Reasonable Accommodation

by Ben Mitchell 2019 This piece is the narrative intro for a scholarly article, "The Bigotry of Normal" currently under review by the Harvard Educational Review.

I shift awkwardly at the front desk, filling out a name tag and ignoring the parade of teenagers coming and going through the large glass doors to my right. There is a certain lethargic restlessness to a rural high school, young people energetically waiting for life to begin and graying public servants passively marking time until retirement. The friendly woman keeping gate, behind the glass buzzes the large metal door.

“You can go down to the conference room now. They are waiting for you.” She says.

“Thank you.” I bleat stepping carefully through the entry, down the dimly lit corridor lined with yellow tile and vaguely optimistic posters, featuring attractive young people encouraging everyone to “make good choices.” For those of us with diagnosed learning disabilities, large institutional school buildings are deeply disturbing places, but I am a professional.

It is 2017.  I have been hired to run a transition program for high school students with learning disabilities, preparing for life in the real world.  Drawing students from several regional New Hampshire high schools , my job is to provide pre-employment training for IEP students -- resume writing, cover letter writing, explicit instruction in soft skills, even a weekly internship for the students to gain on-the-job experience. Being a starkly funded Department of Education partnership with a private non-profit, I recruit the students, teach the classes, collect the reporting paperwork, even drive the bus. I’ve been working with “at-risk” students since I was still an undergrad, so it all seems fairly straightforward. As a person diagnosed with Dyslexia and ADHD, I have spent the past thirty years working around the field of Special Education, hoping to make a difference in the lives of as many students as possible.

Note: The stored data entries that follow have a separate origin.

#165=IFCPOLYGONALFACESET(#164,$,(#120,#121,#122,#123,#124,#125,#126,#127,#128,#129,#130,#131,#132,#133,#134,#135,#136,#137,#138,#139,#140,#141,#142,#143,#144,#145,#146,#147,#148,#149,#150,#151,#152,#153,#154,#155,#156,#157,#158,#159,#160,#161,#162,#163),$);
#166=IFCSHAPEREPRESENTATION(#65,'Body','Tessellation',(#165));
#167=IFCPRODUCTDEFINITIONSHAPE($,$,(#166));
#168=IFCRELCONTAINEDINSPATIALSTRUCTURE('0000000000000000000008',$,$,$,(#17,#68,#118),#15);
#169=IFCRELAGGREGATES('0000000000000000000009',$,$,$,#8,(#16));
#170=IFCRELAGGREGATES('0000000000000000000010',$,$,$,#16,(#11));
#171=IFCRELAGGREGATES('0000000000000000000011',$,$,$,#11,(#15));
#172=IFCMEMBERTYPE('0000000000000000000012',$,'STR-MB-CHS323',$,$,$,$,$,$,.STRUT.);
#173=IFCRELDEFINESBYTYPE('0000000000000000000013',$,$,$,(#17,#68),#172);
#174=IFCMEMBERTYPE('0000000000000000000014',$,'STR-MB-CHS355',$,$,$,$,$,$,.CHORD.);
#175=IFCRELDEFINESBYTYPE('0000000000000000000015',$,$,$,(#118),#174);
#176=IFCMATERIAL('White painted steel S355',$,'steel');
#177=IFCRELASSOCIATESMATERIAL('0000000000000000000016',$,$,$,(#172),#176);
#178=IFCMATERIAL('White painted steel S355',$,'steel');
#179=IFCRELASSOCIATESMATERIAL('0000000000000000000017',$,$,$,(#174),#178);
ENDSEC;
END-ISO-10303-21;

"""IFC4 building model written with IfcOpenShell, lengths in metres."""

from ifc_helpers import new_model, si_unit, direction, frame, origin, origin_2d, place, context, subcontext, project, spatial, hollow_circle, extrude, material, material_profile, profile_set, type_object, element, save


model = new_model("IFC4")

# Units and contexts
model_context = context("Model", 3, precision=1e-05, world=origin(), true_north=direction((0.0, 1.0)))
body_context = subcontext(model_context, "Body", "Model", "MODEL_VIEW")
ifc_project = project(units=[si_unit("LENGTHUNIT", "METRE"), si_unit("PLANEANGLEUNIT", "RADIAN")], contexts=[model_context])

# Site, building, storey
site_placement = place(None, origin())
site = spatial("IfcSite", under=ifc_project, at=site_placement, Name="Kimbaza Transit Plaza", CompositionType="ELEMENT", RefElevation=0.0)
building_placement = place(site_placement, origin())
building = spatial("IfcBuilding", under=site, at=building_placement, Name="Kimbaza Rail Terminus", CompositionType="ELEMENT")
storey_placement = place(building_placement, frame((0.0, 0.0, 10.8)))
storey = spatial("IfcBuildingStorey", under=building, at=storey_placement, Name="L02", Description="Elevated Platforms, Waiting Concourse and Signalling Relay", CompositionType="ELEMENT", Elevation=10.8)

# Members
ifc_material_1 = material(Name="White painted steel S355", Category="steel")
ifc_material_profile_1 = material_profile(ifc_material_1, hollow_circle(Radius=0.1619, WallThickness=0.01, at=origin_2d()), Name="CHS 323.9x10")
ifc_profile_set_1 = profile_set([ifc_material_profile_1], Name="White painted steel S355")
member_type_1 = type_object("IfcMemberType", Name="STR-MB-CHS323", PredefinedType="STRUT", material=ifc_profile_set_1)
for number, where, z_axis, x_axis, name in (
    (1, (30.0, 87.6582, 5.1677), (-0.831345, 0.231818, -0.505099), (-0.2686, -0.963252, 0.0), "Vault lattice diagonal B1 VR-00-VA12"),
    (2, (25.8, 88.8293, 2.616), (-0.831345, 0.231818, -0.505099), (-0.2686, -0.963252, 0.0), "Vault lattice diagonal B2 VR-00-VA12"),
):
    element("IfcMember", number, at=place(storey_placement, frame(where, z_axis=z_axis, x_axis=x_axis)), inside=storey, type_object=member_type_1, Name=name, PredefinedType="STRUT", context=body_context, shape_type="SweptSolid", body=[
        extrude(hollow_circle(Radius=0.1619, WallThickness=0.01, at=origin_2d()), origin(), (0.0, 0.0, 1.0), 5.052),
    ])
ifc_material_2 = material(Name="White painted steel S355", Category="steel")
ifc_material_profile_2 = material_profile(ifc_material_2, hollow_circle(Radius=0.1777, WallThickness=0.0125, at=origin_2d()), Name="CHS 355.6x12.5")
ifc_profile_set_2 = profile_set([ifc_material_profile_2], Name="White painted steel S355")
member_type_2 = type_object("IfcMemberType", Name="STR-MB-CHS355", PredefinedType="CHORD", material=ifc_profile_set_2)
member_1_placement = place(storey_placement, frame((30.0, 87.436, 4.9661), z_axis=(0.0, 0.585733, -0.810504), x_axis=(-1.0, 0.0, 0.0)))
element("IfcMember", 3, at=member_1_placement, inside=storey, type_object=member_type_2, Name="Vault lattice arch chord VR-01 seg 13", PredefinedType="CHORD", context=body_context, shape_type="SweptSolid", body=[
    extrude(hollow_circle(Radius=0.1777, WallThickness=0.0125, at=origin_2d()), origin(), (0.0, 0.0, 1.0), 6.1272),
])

Part of the job is to visit the sending high schools and meet with Special Ed departments to recruit appropriate students.  On this particular day, I am meeting with a “Tutor” -- an uncertified para-professional assigned to preside over a room full of neurodivergent students and help them complete their assignments.

 I emerge into the windowless conference room, an oblong table surrounded by metal folding chairs, and I am greeted by the Vocational Rehabilitation Case Manager and the Tutor.  She is young and energetic, gaining confidence after a few years in the trenches, and we are to discuss the transition program to see if any of her students might be a good fit. We exchanged banal pleasantries and then get around to the subject at hand - an 18 year old dyslexic student, at risk of flunking his senior year because of his homework and attendance records.  I present the program as an opportunity for him to earn some Extended Learning Opportunity (ELO) credits and even find a new focus -- working for money. The discussion seems to be going well, but then the Tutor expresses her frank concern.

“He just doesn’t accept reality.” She says. “He seems to live in his own magical reality with no idea what is waiting for him in the real world.” Now part of my role is to evaluate prospective students’ readiness for the program, so I probe a bit deeper.

“Can you give me an example” I query, hoping to better understand this ‘magical world.’”

“Ok.” She exhales. “Last spring he tried to take an EMT course so that he could qualify for some summer job at the YMCA camp.” She confides recalling the details as she speaks. “But then when it came to the written exam to complete the program, he came to me looking to get extra time on the test.” Many students with diagnosed learning disabilities are entitled to extra time under federal law, and he was hoping she would help him advocate for this accommodation.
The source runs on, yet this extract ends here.